TLDR: Quotes are required unless the value meets the identifier specification for CSS2.1
The CSS spec might say they are optional, but the real world presents a different story. When making a comparison against the href attribute you will need to use quotes (single or double work in my very limited testing - latest versions of FF, IE, Chrome.)
Interestingly enough the css spec link referenced by #Pekka happens to use quotes around their href-specific examples.
And it's not just due to non-alpha characters like the period or slashes that give this unique situation a quote requirement - using a partial match selector ~= doesn't work if you just use the "domain" in "domain.com"

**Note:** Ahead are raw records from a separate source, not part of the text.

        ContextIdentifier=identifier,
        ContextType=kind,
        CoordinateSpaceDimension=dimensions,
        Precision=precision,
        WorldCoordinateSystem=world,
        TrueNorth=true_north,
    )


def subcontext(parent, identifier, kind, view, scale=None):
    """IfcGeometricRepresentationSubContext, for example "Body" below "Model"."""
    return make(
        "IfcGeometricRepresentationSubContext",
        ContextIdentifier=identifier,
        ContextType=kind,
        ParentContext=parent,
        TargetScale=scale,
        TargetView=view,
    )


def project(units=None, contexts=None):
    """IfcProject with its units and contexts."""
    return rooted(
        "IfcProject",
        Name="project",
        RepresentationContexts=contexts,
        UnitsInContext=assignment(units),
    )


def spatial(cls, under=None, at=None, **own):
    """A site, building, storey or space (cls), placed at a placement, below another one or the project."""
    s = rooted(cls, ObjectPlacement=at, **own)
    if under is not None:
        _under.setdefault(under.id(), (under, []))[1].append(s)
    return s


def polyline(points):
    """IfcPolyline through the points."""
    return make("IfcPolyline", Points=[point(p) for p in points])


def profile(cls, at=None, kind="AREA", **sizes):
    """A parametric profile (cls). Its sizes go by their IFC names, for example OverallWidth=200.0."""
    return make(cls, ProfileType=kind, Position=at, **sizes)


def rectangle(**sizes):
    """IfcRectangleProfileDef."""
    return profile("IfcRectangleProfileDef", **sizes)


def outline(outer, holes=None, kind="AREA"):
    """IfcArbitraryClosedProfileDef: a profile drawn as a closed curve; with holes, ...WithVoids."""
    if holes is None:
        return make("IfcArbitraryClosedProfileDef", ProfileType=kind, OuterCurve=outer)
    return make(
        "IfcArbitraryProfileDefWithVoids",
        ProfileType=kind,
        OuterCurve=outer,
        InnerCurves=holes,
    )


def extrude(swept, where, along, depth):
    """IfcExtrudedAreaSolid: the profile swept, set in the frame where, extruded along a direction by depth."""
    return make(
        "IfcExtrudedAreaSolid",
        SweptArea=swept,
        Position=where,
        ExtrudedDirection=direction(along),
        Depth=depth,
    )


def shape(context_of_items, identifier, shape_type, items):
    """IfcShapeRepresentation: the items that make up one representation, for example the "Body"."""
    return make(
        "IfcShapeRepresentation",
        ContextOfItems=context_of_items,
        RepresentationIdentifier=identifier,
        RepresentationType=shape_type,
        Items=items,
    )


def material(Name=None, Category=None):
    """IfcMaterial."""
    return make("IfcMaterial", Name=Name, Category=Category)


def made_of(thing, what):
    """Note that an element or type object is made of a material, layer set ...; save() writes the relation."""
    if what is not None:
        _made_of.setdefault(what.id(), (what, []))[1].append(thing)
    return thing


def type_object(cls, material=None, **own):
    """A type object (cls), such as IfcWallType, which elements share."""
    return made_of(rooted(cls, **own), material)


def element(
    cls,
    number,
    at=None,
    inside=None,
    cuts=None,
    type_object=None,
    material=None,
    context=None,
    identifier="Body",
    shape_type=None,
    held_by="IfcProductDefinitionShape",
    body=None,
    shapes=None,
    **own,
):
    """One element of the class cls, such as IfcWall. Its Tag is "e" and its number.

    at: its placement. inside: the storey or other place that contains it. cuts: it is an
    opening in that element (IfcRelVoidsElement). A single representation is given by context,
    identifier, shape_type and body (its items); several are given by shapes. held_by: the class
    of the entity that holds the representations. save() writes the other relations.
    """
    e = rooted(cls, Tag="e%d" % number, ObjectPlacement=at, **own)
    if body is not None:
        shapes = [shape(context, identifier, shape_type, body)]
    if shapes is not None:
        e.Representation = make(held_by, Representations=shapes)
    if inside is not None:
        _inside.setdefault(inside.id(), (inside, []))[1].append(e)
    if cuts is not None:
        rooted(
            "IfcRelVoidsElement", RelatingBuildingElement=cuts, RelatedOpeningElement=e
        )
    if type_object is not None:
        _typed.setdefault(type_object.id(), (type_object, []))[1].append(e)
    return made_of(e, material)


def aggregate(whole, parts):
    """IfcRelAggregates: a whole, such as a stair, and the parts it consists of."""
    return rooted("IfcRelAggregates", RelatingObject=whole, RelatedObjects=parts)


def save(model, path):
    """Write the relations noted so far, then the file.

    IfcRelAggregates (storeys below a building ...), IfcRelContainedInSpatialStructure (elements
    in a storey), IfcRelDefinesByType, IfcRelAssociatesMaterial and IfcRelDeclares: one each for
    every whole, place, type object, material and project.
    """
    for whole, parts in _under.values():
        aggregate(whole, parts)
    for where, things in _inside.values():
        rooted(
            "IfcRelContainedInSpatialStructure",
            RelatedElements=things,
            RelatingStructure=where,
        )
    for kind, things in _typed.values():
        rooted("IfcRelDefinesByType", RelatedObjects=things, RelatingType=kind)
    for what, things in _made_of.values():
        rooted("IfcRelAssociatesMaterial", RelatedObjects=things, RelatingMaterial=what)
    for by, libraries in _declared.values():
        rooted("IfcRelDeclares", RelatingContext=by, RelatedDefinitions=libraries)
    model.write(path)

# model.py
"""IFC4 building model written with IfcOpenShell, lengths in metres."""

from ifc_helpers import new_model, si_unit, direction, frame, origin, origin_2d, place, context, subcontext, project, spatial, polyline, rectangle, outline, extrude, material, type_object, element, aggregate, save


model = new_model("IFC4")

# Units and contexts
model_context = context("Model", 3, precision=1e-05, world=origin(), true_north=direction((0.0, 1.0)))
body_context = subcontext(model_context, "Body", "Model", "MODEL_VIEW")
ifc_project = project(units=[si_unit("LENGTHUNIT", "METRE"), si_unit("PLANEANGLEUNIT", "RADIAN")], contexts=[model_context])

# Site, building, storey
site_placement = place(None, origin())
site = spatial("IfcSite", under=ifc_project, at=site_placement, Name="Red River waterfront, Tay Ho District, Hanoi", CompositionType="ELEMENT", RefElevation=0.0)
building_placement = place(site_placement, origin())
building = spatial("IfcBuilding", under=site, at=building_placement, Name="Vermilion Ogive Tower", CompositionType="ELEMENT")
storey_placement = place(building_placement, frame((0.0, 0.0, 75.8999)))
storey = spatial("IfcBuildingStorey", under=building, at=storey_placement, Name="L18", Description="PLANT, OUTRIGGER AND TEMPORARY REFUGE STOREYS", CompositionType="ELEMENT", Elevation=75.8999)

Ok, every answer here is wrong (including my own previous answer.) The CSS2 spec didn't clarify whether quotes are required in the selector section itself, but the CSS3 spec does and quotes the rule as a CSS21 implementation:
http://www.w3.org/TR/css3-selectors/
Attribute values must be CSS identifiers or strings. [CSS21] The case-sensitivity of attribute names and values in selectors depends on the document language.
And here is the identifier info:
http://www.w3.org/TR/CSS21/syndata.html#value-def-identifier
In CSS, identifiers (including element names, classes, and IDs in selectors) can contain only the characters [a-zA-Z0-9] and ISO 10646 characters U+00A0 and higher, plus the hyphen (-) and the underscore (_); they cannot start with a digit, two hyphens, or a hyphen followed by a digit. Identifiers can also contain escaped characters and any ISO 10646 character as a numeric code (see next item). For instance, the identifier "B&W?" may be written as "B\&W\?" or "B\26 W\3F".
My answer seemed correct but that's because the '~=' is a white-space selector comparator so it will never match a partial string inside an href value. A '*=' comparator does work however. And a partial string like 'domain' does work for matching href='www.domain.com'. But checking for a full domain name would not work because it violates the identifier rule.
According to the examples in the CSS 2.1 specs, quotes are optional.
In the following example, the selector matches all SPAN elements whose "class" attribute has exactly the value "example":
span[class=example] { color: blue; }
Here, the selector matches all SPAN elements whose "hello" attribute has exactly the value "Cleveland" and whose "goodbye" attribute has exactly the value "Columbus":
span[hello="Cleveland"][goodbye="Columbus"] { color: blue; }
Numbers are treated like strings, i.e. they can be quoted, but they don't have to.
No, they don't have to have quotes, tough in order to avoid ambiguities many people do use quotes, which are needed if the value contains whitespace.
Either single or double quotes are fine, and integers will be treated the same way (css does not have a distinction between strings and integers).
See the examples in the spec.
They do not need to be quoted.
There is also no distinction between strings/doubles/integers. CSS isn't Turing-complete, let alone typed.